Evidence missing in action as Ireland bans ecigarettes in health facilities
Ecigarettes are to be banned in Irish health facilities from 1 May.
The Health Service Executive (HSE) said the crackdown was justified because the devices "pose a challenge to smoke-free campus enforcement and come with safety concerns for a healthcare environment."
The HSE said the decision followed a detailed review of its health policy, adding that it could only authorise the use of "safe and effective products" to stop smoking. What the HSE seem to have underplayed or overlooked entirely is just how radically different vaping is to smoking.
Regular cigarettes contain up to 7,000 chemicals, many highly toxic, 70 of which can cause cancer. By contrast, there are only a handful of ingredients in ecigarette liquid/vapour.
Levels of nitrosamine and formaldehyde in nicotine vapour from ecigarettes are 1,000 times lower than in conventional cigarettes. A slew of health professionals and academics have agreed that the devices are a whole order of magnitude safer than regular tobacco products.

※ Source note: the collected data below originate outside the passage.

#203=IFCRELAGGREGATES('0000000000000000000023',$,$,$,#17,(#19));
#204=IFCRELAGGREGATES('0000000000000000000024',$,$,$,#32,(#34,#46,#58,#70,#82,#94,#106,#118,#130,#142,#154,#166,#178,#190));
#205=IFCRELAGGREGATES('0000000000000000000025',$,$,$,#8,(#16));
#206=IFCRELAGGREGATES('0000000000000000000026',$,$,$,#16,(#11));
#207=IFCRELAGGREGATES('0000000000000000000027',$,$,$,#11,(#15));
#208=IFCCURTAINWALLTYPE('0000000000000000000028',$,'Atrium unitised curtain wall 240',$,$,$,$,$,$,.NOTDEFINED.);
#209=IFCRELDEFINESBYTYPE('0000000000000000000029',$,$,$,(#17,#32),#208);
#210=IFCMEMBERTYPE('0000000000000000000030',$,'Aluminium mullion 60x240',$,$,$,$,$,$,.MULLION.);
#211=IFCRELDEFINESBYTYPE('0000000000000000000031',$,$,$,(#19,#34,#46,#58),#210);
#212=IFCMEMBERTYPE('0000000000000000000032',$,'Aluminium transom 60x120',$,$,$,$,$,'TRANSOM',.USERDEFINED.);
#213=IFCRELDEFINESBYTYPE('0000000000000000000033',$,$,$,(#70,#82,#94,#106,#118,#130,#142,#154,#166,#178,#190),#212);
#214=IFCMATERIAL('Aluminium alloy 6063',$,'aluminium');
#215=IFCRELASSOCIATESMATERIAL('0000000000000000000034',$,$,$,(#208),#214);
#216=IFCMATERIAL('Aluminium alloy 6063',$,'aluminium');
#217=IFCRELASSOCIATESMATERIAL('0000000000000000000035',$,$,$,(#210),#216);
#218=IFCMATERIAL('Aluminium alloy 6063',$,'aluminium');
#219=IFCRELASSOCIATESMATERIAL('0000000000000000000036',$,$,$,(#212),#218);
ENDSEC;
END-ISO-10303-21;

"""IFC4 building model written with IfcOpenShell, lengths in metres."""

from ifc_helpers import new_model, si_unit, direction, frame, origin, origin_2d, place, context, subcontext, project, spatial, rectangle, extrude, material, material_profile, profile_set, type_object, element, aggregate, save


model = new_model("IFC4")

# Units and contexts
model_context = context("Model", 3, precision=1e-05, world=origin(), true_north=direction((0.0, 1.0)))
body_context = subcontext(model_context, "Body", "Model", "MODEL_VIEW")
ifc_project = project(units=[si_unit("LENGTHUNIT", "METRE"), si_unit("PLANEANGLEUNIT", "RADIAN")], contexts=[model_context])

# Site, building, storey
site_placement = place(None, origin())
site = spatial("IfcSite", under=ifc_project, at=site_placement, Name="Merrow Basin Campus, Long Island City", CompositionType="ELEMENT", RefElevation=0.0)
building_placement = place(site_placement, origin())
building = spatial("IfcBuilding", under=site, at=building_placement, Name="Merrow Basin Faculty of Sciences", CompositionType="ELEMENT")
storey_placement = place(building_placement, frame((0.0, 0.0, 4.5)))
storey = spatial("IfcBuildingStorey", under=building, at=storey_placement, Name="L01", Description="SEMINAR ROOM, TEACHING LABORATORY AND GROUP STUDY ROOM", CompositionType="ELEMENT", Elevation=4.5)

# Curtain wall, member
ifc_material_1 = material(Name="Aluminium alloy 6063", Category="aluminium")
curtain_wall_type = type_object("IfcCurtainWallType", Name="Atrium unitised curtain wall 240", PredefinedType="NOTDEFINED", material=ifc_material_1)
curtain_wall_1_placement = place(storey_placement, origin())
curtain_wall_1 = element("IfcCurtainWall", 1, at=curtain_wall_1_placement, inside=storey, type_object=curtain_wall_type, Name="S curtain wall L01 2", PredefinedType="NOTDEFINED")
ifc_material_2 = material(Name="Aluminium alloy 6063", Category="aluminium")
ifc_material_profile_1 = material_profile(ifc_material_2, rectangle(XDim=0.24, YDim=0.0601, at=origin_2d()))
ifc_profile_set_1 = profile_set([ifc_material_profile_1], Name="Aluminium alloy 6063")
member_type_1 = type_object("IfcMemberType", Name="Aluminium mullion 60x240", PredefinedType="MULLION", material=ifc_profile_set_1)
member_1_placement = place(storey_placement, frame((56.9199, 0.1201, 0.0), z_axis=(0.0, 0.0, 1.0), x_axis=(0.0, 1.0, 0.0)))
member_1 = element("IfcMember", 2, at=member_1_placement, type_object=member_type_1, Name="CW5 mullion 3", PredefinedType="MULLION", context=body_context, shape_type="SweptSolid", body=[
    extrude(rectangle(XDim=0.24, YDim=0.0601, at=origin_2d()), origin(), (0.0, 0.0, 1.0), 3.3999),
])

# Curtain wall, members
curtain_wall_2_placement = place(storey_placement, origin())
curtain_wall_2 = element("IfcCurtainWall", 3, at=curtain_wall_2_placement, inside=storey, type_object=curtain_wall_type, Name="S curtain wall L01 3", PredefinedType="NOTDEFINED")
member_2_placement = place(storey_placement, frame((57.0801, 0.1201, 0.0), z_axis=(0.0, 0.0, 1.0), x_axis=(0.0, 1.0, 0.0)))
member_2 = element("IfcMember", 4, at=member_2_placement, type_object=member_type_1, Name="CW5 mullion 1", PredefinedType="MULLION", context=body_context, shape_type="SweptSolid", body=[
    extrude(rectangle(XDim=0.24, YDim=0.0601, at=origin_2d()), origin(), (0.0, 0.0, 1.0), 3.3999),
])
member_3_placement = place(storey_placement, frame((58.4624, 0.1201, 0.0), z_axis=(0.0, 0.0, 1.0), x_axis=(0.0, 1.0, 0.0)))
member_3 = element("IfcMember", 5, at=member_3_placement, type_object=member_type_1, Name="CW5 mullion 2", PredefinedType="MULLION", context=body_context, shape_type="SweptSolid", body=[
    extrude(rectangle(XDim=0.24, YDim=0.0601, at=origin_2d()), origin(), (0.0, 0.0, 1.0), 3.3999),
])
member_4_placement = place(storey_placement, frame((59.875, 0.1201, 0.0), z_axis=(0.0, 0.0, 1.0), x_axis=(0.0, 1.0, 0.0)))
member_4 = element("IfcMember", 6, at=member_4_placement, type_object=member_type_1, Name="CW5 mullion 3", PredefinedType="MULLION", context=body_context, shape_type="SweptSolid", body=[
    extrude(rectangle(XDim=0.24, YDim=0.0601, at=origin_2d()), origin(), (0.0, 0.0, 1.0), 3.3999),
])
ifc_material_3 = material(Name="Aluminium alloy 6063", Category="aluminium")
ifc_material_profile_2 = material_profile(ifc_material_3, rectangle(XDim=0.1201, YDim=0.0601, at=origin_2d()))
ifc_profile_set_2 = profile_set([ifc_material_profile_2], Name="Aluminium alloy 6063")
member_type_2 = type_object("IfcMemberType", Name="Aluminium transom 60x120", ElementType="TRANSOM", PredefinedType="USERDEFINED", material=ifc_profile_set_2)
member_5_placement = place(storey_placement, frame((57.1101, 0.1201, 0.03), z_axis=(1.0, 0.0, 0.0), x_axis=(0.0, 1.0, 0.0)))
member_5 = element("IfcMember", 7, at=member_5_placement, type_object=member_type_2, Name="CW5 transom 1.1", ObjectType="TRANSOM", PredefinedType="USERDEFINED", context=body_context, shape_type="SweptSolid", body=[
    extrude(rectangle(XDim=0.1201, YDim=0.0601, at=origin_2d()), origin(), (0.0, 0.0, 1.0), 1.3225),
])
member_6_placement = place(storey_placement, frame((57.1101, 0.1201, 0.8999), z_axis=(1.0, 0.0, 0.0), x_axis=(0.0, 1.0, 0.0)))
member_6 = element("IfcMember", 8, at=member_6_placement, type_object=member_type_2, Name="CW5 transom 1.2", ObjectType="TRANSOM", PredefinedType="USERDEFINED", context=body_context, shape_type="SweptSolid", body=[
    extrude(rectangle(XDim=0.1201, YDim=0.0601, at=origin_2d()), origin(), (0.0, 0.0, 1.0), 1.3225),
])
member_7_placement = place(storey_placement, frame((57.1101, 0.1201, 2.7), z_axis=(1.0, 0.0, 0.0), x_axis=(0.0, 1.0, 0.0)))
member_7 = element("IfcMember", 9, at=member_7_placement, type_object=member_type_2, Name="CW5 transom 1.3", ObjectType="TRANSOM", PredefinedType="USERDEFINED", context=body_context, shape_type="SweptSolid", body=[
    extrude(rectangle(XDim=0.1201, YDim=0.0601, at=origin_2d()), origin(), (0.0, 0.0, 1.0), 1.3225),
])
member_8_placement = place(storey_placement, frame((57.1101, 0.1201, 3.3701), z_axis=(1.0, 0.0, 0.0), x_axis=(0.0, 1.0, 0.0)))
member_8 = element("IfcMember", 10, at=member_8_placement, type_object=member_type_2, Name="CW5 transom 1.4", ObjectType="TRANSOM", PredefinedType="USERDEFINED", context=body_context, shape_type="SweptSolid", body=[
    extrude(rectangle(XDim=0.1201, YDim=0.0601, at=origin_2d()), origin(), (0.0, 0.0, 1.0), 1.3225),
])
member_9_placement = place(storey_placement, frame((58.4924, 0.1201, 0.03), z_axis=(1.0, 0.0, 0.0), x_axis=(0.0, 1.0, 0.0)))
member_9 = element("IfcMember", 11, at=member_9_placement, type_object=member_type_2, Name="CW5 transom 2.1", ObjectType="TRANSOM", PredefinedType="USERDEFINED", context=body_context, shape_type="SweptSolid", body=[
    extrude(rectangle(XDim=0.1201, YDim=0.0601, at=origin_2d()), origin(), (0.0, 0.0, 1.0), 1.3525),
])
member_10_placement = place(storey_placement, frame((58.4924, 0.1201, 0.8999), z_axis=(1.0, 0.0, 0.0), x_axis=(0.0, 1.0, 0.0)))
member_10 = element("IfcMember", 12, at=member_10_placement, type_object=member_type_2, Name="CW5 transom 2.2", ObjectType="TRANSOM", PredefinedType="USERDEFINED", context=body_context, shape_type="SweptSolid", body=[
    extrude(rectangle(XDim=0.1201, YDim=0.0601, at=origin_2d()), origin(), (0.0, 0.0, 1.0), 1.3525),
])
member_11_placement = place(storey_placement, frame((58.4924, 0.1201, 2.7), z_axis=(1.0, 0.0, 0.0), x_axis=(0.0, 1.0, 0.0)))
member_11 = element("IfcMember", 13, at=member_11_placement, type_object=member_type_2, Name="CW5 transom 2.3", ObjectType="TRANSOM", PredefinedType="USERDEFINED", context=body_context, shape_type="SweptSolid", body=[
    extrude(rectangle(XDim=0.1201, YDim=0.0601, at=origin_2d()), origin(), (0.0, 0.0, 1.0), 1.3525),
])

Dr. Robert Lahita, chairman of medicine and vice president of Newark Beth Israel Medical Centre, told the Lafayette Journal & Courier:
Traditional paper cigarettes contain a lot of other carcinogens, and the burning of their tobacco, tar, carbons and other harmful chemicals creates tremendous toxic side effects. So, in many ways, nicotine is the least of a smoker’s concerns.

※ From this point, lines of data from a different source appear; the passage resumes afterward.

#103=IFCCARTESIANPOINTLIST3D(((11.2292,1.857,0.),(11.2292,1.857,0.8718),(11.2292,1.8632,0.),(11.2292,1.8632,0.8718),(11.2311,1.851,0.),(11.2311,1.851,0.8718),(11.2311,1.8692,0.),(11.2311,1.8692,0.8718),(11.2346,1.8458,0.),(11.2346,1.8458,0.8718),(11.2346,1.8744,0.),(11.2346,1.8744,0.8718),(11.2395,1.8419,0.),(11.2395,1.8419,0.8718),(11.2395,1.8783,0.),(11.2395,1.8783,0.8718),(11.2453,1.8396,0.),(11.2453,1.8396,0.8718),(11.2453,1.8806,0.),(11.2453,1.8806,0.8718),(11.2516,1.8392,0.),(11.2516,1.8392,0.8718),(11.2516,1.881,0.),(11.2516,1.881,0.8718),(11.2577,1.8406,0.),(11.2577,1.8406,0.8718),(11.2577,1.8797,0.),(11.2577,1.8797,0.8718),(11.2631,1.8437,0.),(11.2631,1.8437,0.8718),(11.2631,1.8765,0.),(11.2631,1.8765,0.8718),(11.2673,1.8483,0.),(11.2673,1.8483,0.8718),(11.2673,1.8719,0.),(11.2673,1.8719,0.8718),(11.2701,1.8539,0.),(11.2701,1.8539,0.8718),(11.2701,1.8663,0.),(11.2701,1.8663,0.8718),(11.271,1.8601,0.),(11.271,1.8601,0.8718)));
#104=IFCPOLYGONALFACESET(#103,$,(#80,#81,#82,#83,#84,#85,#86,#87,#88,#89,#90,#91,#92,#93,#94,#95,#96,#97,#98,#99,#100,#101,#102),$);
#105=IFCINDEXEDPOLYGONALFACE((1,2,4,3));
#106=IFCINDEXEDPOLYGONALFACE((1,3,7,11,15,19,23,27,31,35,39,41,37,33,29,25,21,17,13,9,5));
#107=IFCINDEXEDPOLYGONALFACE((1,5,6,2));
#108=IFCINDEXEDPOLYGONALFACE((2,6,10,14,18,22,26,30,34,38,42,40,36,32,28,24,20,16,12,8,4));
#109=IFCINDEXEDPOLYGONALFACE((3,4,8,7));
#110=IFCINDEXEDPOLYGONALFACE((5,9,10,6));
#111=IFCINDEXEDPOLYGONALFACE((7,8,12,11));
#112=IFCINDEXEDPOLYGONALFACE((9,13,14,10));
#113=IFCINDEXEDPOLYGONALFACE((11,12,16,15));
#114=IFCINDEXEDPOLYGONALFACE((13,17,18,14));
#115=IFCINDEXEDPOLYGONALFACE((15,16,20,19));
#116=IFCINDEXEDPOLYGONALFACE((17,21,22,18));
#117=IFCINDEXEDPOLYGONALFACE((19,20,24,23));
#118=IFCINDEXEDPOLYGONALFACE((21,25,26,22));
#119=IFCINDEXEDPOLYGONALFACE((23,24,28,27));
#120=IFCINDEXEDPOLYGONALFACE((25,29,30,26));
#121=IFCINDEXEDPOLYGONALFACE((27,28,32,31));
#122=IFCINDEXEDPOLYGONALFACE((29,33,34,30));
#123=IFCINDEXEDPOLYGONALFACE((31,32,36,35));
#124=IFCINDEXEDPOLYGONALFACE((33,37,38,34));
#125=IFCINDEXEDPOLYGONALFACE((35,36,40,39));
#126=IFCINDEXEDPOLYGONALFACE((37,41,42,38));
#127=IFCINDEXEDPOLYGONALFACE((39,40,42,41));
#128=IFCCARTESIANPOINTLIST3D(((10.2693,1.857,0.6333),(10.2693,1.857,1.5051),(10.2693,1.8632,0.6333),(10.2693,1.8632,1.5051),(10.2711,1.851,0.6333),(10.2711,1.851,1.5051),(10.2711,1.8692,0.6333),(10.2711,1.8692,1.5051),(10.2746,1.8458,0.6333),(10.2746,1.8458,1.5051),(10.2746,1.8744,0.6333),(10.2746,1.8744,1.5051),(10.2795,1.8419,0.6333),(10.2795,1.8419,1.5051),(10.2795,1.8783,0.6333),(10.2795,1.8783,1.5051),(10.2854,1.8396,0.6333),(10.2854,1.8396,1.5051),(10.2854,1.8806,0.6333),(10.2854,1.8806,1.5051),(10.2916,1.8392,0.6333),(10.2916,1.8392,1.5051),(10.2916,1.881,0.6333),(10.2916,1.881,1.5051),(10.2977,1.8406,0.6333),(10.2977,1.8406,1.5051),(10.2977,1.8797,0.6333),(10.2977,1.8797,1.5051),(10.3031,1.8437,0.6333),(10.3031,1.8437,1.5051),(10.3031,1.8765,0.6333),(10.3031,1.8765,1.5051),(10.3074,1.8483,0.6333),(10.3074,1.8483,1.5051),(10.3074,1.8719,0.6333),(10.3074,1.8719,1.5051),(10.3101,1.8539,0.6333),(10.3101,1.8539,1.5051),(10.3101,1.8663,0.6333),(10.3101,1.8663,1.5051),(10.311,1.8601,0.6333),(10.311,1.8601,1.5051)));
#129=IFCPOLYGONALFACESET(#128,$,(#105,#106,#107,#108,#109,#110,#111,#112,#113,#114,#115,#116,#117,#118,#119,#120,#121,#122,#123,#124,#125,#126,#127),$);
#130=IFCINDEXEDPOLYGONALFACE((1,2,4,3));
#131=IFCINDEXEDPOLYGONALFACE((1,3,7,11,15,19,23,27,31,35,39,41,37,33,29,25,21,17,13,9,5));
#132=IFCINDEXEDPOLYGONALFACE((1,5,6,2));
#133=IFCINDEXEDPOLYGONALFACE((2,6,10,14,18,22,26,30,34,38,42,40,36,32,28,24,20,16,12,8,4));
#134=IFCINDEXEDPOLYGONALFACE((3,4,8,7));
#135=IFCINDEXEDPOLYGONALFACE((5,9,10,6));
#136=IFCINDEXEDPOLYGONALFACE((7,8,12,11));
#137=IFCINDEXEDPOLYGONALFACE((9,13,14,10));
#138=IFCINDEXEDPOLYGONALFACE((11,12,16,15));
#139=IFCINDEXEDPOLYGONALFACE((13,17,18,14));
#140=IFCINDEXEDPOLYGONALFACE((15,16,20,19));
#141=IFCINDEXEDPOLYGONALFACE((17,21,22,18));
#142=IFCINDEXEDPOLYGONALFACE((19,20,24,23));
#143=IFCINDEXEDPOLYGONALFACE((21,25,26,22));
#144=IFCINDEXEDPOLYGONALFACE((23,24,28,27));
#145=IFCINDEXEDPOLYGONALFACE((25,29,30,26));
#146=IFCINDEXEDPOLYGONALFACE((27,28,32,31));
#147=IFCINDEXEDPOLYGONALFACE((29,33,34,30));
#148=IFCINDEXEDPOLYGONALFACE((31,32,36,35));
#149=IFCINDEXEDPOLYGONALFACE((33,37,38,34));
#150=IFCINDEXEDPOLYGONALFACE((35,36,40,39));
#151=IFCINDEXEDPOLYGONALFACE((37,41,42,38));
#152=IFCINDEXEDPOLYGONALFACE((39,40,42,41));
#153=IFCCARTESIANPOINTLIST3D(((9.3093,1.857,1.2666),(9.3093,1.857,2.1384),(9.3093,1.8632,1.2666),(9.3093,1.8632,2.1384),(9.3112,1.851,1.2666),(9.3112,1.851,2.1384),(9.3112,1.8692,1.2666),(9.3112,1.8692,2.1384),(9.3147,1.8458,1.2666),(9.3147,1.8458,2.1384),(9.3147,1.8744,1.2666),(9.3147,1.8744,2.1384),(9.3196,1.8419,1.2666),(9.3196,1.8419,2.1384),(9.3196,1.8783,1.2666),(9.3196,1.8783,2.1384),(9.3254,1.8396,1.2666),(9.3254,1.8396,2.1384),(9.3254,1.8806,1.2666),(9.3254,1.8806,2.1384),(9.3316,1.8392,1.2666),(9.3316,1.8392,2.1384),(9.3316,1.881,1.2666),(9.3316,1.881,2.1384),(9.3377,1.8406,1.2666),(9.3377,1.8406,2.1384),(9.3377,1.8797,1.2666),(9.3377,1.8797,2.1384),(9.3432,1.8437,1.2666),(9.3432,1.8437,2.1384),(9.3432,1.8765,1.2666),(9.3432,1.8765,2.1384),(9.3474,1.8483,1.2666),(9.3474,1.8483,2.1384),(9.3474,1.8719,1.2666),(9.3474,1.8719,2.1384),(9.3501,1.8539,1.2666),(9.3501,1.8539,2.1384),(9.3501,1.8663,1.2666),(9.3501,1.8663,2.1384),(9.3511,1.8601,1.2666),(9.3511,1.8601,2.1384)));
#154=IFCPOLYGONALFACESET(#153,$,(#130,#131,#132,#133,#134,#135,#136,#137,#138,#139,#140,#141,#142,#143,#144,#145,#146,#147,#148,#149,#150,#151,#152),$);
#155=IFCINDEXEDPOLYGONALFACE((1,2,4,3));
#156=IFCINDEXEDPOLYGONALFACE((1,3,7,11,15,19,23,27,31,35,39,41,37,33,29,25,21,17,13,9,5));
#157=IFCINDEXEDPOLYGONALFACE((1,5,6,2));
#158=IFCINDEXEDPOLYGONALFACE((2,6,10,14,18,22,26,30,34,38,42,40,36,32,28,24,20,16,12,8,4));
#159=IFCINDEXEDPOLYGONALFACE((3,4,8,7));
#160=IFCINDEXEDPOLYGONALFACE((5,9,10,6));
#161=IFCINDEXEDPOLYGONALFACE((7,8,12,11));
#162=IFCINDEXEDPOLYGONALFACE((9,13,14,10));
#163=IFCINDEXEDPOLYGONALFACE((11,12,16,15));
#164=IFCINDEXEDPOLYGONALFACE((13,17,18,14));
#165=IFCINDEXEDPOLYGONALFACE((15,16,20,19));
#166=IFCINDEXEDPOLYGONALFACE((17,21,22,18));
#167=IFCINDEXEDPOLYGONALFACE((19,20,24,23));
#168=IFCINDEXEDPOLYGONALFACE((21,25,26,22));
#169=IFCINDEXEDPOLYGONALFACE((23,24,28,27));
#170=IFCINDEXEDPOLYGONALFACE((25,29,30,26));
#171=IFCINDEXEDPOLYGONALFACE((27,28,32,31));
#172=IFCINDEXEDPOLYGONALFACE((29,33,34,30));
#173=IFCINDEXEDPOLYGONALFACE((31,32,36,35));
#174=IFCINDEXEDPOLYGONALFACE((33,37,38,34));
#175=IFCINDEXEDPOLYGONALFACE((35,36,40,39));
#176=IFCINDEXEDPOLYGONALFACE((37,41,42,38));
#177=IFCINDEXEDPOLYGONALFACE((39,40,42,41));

With regards to the effectiveness of ecigarettes, there is a growing body of evidence suggesting the devices are having success where traditional methods have failed.
A 2011 clinical trial found that ecigarette use led to sustained smoking abstinence for 22.5 per cent of smokers who were not motivated to quit, while there was a large reduction in cigarette consumption for a further 32.5 per cent.
More recently, a 2013 Lancet study divided 657 smokers into three categories: one-third were asked to use nicotine patches, one-third ecigarettes and one-third placebo ecigarettes.
The ecigarette users were more likely to refrain from smoking altogether during the experiment, more likely to halve their use of cigarettes if they did not quit completely, and three times more likely to continue using the product afterwards.
While the HSE are taking the precautionary principle to the extreme, anti-tobacco veterans such as the former director of Action on Smoking and Health (ASH) Clive Bates, have welcomed the innovative devices.
With ecigarettes rapidly gaining in popularity and smoking rates stagnant or moderately declining across the developed world, there is precious little evidence that vapers will turn back to cigarettes with a vengeance. It also remains highly speculative that non-smokers will start using e-cigarettes and quickly find themselves on the slippery slope to a pack a day.
American lender Wells Fargo has gone so far as to say ecigarettes could be outselling conventional cigarettes within a decade. Japanese banking giant Nomura, recently forecast that ecigarettes are set to rise to 15 per cent of equivalent units in the US by 2023.
Ireland's clampdown comes just over a week after elements of the World Health Organisation (WHO) proposed to regulate ecigarettes as stringently as conventional cigarettes, according to documents leaked to the Financial Times.
The EU has already embarked on a process of tighter regulation, with a ban on devices with a nicotine concentration of over 20mg/ml. The decision was widely criticised since higher strength ecigarettes are seen as one of the most useful ways for long time smokers to kick their habit.
The consequences of the decision are potentially devastating, with London Economics estimating the ban could prevent the saving of 105,000 lives.